OWASP: Read it, please
If you don’t want your name in an article like this, there’s a radical solution: read the docs. OWASP isn’t there for decoration. A small BTTF wink: it’s the DeLorean maintenance manual — read it before activating the flux capacitor, not after the storm.
- A03:2021 – Injection: If it’s still on the podium, it’s because we’re collectively lazy.
- SQL Injection Prevention Cheat Sheet: It’s the highway code for databases. Not following it is driving the wrong way on the motorway hoping others will be careful.
Conclusion
CVE-2026-0544 proves that human progress is an illusion, at least in computing. We have servers that could simulate the universe, yet we still get stuck on an escaping character. I’d like to tell you my green tea calmed me, but honestly: I put the cup down three times before finishing this paragraph.
Nicolas Ruff was right: security is failing as long as we treat vulnerabilities as isolated accidents instead of cultural problems. So for 2026, instead of learning a 15th JS framework, maybe just learn to never, ever concatenate a variable into an SQL query.
Happy New Year anyway.

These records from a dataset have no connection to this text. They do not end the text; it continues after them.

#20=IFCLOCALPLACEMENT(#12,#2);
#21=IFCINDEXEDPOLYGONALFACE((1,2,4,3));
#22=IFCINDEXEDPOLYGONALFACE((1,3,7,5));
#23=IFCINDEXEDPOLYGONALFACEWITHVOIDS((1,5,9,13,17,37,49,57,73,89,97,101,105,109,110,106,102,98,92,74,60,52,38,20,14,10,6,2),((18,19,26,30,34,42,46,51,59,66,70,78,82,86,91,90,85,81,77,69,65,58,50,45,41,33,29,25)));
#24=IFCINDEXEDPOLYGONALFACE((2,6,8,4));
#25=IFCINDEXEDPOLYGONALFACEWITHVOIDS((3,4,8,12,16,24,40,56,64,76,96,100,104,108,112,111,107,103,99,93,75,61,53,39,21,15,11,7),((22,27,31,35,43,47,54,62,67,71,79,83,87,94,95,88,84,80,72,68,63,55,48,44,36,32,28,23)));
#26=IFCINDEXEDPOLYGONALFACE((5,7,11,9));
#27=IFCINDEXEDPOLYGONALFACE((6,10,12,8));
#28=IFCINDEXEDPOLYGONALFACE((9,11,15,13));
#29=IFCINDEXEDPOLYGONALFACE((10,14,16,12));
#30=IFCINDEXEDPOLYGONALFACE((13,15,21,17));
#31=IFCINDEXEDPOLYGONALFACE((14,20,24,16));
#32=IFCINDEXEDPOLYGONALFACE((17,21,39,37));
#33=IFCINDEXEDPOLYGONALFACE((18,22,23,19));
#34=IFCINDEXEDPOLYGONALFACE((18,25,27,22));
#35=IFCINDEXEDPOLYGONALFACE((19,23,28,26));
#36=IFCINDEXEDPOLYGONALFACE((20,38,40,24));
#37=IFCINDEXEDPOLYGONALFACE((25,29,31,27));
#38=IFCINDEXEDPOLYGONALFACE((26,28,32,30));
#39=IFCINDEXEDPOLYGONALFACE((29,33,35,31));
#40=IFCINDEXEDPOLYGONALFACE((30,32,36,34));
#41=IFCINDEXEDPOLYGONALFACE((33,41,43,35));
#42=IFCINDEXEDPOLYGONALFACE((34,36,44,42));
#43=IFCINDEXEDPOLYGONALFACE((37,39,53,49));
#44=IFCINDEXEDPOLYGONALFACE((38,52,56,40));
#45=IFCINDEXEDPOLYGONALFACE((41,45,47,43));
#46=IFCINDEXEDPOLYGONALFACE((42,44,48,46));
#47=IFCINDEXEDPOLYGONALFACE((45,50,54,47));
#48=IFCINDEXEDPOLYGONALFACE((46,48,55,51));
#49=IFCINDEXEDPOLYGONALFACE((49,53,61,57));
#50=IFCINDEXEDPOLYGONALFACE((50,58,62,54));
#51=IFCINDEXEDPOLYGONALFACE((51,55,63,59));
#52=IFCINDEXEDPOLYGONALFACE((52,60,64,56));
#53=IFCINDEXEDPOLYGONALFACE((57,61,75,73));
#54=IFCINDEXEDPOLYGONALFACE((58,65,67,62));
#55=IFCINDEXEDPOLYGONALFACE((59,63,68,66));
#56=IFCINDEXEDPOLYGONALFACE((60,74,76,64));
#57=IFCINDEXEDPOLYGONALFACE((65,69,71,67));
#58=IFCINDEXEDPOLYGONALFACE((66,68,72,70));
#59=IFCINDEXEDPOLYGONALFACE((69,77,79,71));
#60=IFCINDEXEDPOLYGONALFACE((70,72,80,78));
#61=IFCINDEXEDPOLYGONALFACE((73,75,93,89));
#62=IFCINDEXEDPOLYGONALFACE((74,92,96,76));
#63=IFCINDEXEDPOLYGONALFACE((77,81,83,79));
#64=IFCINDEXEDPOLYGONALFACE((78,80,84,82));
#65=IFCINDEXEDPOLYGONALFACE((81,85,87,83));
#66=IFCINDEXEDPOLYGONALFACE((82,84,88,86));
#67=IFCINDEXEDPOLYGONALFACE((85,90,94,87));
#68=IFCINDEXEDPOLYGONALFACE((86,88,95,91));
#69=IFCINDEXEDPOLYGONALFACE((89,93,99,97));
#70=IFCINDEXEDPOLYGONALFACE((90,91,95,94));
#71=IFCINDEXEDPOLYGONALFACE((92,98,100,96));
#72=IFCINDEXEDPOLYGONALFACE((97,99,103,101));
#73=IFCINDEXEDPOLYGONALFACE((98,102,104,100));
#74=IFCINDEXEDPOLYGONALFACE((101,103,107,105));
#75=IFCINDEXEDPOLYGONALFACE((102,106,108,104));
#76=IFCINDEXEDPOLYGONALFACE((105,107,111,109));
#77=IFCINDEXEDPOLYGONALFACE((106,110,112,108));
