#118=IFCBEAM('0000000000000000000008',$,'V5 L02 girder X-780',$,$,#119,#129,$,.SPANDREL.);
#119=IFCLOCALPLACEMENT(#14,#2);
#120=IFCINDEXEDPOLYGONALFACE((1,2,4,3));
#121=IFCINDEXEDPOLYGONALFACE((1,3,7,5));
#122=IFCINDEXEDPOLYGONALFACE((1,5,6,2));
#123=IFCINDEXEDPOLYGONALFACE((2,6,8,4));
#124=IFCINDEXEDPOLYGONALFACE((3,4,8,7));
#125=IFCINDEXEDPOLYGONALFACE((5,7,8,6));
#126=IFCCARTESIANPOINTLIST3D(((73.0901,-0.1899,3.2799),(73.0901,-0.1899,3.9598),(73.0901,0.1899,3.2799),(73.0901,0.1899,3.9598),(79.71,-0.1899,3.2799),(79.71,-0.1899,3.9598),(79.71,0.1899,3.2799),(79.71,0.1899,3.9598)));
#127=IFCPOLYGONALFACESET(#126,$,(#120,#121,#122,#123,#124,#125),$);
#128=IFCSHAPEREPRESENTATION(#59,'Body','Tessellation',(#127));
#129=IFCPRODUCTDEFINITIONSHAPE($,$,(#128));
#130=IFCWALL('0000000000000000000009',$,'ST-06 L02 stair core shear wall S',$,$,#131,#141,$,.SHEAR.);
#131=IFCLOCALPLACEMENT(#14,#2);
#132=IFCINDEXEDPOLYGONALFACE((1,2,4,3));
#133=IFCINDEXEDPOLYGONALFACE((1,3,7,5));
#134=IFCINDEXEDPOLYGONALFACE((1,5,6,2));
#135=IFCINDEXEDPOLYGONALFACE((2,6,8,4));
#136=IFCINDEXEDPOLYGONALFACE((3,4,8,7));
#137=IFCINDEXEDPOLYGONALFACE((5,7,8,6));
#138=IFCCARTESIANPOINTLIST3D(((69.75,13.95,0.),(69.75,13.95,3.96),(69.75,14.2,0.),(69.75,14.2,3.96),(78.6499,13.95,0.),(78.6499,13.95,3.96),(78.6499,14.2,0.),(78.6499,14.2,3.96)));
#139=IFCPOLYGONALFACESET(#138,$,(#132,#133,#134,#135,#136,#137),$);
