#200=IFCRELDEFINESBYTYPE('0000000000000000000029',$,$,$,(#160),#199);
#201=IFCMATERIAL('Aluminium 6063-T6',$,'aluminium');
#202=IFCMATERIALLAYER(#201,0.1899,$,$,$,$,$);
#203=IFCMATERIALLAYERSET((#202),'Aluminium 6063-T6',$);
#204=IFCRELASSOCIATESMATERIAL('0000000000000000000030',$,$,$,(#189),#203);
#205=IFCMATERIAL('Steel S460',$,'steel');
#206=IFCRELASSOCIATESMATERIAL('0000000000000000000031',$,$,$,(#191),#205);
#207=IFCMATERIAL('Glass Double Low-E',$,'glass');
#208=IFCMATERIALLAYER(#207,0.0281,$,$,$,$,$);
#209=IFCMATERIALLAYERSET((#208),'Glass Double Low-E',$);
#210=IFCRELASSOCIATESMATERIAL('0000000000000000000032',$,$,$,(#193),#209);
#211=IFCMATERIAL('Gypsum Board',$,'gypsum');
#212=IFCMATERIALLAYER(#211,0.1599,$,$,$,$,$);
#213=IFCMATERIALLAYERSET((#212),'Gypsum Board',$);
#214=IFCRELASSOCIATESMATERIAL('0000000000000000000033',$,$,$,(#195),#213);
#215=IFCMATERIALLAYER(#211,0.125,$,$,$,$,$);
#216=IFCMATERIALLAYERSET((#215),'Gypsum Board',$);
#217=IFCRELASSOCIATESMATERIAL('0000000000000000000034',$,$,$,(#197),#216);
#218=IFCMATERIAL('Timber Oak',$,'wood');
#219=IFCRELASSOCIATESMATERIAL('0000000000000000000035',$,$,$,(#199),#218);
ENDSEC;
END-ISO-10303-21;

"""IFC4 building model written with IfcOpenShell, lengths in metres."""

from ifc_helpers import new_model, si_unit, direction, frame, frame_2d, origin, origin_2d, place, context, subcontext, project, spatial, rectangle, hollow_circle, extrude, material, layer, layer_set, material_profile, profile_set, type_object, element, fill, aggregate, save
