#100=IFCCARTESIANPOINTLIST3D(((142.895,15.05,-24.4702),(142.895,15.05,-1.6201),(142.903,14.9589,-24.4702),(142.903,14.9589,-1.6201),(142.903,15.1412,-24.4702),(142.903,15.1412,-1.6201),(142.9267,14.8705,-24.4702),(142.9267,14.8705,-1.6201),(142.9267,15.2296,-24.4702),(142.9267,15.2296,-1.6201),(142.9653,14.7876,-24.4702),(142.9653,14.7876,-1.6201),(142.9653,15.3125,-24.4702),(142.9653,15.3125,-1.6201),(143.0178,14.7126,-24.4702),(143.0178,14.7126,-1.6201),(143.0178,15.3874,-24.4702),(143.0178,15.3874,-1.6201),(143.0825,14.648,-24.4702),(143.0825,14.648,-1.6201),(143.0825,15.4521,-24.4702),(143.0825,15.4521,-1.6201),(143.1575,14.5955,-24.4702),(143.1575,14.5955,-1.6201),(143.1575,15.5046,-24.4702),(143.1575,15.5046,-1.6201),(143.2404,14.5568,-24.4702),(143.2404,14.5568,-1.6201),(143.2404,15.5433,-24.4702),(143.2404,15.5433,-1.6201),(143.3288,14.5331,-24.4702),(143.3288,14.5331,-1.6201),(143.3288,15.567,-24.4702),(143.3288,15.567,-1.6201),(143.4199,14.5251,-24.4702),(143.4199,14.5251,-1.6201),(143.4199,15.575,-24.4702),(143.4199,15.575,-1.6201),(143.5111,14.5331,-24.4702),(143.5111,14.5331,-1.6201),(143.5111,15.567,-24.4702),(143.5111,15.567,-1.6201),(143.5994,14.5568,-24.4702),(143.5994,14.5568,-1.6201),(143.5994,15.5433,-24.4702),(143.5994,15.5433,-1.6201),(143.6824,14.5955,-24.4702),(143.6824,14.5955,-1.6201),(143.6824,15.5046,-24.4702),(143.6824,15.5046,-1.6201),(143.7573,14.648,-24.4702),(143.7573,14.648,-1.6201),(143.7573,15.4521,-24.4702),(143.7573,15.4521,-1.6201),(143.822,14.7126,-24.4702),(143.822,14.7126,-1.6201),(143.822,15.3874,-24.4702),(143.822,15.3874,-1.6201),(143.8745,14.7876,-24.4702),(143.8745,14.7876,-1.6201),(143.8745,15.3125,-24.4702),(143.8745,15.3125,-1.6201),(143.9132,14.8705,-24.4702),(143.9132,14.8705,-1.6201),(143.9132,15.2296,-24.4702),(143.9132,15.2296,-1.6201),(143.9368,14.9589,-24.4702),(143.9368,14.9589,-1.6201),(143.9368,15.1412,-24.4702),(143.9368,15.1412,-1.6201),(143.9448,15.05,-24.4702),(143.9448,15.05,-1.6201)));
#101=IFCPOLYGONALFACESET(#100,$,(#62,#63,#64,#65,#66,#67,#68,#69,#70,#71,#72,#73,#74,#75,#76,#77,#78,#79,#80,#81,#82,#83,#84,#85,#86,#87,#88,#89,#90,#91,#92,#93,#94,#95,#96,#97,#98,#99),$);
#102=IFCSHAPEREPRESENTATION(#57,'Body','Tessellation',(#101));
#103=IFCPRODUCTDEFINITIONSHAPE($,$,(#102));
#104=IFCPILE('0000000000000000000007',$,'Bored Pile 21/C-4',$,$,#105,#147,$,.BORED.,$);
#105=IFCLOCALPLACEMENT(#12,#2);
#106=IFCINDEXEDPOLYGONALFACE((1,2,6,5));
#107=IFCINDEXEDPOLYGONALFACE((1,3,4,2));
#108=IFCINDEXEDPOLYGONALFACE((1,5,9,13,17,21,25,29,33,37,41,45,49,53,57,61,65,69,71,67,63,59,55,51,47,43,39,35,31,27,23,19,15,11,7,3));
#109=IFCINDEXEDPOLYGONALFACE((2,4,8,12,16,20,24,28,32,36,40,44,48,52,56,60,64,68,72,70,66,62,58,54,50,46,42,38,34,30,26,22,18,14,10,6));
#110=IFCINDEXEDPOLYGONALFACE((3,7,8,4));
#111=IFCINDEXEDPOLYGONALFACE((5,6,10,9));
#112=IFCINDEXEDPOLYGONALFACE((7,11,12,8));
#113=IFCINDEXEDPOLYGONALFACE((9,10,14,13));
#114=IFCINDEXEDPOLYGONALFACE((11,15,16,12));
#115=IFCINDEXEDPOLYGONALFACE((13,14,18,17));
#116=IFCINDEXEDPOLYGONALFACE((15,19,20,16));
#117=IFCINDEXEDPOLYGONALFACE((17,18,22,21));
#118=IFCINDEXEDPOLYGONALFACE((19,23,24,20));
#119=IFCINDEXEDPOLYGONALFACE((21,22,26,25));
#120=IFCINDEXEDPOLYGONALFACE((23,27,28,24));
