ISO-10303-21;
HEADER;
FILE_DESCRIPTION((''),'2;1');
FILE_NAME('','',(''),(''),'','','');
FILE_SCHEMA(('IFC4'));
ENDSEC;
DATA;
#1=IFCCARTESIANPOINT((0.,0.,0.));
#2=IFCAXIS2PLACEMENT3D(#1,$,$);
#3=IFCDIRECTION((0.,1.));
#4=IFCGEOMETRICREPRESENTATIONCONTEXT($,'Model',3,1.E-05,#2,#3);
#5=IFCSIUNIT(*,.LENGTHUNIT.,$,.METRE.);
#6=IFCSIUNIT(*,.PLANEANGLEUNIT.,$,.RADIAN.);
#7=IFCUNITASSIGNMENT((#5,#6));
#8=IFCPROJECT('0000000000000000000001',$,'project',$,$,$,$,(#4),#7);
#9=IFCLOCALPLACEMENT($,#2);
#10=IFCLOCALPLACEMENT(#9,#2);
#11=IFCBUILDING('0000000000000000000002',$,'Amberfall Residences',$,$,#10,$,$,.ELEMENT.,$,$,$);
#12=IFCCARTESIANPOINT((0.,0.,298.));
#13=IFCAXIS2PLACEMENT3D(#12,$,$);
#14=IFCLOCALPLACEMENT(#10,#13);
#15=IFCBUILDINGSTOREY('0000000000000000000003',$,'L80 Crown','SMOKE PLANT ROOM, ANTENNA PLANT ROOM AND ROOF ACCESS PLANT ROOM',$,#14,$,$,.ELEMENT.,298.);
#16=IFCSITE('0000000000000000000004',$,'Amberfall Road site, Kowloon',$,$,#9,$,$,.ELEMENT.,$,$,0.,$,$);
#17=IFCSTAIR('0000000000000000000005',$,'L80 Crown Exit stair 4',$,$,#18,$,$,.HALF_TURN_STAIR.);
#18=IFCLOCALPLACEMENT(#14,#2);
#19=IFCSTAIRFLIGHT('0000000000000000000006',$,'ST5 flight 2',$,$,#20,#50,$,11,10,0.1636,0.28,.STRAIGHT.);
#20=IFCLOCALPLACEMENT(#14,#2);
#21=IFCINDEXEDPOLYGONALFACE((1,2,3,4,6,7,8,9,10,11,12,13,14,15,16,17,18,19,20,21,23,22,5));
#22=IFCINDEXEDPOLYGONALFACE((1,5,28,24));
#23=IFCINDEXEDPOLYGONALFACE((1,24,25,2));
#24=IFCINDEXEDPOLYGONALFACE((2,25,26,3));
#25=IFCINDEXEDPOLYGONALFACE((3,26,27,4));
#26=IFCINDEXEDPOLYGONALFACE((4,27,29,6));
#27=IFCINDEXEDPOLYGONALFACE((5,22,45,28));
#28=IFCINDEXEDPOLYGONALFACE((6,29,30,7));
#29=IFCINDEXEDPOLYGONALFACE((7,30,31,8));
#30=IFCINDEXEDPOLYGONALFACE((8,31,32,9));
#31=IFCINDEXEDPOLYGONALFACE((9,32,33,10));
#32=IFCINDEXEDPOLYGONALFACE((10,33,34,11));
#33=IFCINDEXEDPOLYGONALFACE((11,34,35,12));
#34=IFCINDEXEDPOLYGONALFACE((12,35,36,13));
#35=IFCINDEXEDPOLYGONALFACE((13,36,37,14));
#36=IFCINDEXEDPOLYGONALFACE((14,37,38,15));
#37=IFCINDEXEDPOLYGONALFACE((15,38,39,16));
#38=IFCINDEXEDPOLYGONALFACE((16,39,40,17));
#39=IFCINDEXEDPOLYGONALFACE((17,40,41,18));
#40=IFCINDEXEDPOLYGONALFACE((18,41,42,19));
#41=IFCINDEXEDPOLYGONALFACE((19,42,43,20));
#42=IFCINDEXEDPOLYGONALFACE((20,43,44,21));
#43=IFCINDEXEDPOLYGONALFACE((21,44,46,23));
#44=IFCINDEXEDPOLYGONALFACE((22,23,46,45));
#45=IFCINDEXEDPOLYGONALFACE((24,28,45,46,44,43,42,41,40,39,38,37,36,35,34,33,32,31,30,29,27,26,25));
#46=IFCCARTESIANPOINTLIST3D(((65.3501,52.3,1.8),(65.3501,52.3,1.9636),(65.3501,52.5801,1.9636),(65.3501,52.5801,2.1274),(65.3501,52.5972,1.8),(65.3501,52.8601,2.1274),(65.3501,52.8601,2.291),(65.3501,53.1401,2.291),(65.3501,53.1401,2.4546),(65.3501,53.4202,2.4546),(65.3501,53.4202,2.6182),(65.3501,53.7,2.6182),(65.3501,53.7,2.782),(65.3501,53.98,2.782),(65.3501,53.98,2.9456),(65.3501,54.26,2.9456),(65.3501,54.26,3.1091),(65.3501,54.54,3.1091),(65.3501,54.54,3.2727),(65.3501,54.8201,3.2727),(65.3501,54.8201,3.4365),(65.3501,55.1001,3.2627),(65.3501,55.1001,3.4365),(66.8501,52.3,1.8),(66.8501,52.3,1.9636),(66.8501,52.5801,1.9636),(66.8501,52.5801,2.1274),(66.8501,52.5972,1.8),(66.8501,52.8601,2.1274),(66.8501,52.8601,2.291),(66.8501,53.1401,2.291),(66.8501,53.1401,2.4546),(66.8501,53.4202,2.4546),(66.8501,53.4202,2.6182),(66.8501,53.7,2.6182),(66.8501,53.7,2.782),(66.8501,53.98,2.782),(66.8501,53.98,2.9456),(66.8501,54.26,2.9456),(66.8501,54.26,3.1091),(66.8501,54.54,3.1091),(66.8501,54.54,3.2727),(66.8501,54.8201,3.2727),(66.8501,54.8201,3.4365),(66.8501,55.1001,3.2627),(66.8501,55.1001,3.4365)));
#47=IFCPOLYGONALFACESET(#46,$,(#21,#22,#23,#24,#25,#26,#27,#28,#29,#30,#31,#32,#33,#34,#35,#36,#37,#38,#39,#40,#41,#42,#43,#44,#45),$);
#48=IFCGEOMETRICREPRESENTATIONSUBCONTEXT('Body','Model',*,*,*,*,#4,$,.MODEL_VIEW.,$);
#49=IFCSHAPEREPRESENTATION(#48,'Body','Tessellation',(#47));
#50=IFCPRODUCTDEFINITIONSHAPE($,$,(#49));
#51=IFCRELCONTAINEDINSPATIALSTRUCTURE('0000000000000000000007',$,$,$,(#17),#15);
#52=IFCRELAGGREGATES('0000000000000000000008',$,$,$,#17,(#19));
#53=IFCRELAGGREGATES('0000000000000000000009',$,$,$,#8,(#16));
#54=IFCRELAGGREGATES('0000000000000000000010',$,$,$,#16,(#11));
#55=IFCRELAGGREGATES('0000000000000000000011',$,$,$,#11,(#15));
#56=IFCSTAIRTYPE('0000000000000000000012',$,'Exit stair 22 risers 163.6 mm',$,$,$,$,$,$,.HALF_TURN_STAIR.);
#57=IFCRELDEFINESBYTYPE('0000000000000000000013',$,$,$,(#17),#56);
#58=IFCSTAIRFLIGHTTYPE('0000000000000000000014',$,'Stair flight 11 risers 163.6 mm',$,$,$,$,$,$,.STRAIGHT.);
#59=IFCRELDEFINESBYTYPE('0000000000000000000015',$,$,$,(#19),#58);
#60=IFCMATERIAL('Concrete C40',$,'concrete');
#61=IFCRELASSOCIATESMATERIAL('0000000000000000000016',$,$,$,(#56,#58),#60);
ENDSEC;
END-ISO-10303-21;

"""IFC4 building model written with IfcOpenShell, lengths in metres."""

from ifc_helpers import new_model, si_unit, direction, frame, origin, place, context, subcontext, project, spatial, polyline, outline, extrude, material, type_object, element, aggregate, save


model = new_model("IFC4")

# Units and contexts
model_context = context("Model", 3, precision=1e-05, world=origin(), true_north=direction((0.0, 1.0)))
body_context = subcontext(model_context, "Body", "Model", "MODEL_VIEW")
ifc_project = project(units=[si_unit("LENGTHUNIT", "METRE"), si_unit("PLANEANGLEUNIT", "RADIAN")], contexts=[model_context])

# Site, building, storey
site_placement = place(None, origin())
site = spatial("IfcSite", under=ifc_project, at=site_placement, Name="Amberfall Road site, Kowloon", CompositionType="ELEMENT", RefElevation=0.0)
building_placement = place(site_placement, origin())
building = spatial("IfcBuilding", under=site, at=building_placement, Name="Amberfall Residences", CompositionType="ELEMENT")
storey_placement = place(building_placement, frame((0.0, 0.0, 298.0)))
storey = spatial("IfcBuildingStorey", under=building, at=storey_placement, Name="L80 Crown", Description="SMOKE PLANT ROOM, ANTENNA PLANT ROOM AND ROOF ACCESS PLANT ROOM", CompositionType="ELEMENT", Elevation=298.0)

# Stair, stair flight
ifc_material_1 = material(Name="Concrete C40", Category="concrete")
stair_type = type_object("IfcStairType", Name="Exit stair 22 risers 163.6 mm", PredefinedType="HALF_TURN_STAIR", material=ifc_material_1)
stair_placement = place(storey_placement, origin())
stair = element("IfcStair", 1, at=stair_placement, inside=storey, type_object=stair_type, Name="L80 Crown Exit stair 4", PredefinedType="HALF_TURN_STAIR")
stair_flight_type = type_object("IfcStairFlightType", Name="Stair flight 11 risers 163.6 mm", PredefinedType="STRAIGHT", material=ifc_material_1)
stair_flight_1_placement = place(storey_placement, frame((66.1001, 52.3, 1.8), z_axis=(0.0, 0.0, 1.0), x_axis=(0.0, 1.0, 0.0)))
stair_flight_1 = element("IfcStairFlight", 2, at=stair_flight_1_placement, type_object=stair_flight_type, Name="ST5 flight 2", NumberOfRisers=11, NumberOfTreads=10, PredefinedType="STRAIGHT", RiserHeight=0.1636, TreadLength=0.28, context=body_context, shape_type="SweptSolid", body=[
    extrude(outline(polyline([(0.0, 0.0), (0.0, 0.1636), (0.28, 0.1636), (0.28, 0.3274), (0.5601, 0.3274), (0.5601, 0.491), (0.8401, 0.491), (0.8401, 0.6545), (1.1201, 0.6545), (1.1201, 0.8181), (1.3999, 0.8181), (1.3999, 0.9819), (1.6799, 0.9819), (1.6799, 1.1455), (1.96, 1.1455), (1.96, 1.3091), (2.24, 1.3091), (2.24, 1.4727), (2.52, 1.4727), (2.52, 1.6365), (2.8, 1.6365), (2.8, 1.8), (2.8, 1.4626), (0.2971, 0.0), (0.0, 0.0)])), frame((0.0, 0.75, 0.0), z_axis=(0.0, -1.0, 0.0), x_axis=(1.0, 0.0, 0.0)), (0.0, 0.0, 1.0), 1.5),
])
aggregate(stair, [stair_flight_1])

save(model, "model.ifc")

Try not to break everything before February. And if you see a DeLorean: don’t try for 88 mph, just try to avoid ' and ;.
Final echo in Doc & Marty style: “It’s not speed that will save us, it’s input validation.”
Sources:
- Phrack 54 – NT Web Technology Vulnerabilities (Jeff Forristal / Rain Forest Puppy)
- Why security is failing — SSTIC 2009 (Nicolas Ruff)
- OWASP: Top 10 A03:2021 – Injection · SQL Injection Prevention Cheat Sheet
- CVE-2026-0544 — official record
- Back to the Future (1985) — because at 88 mph, CVEs come back.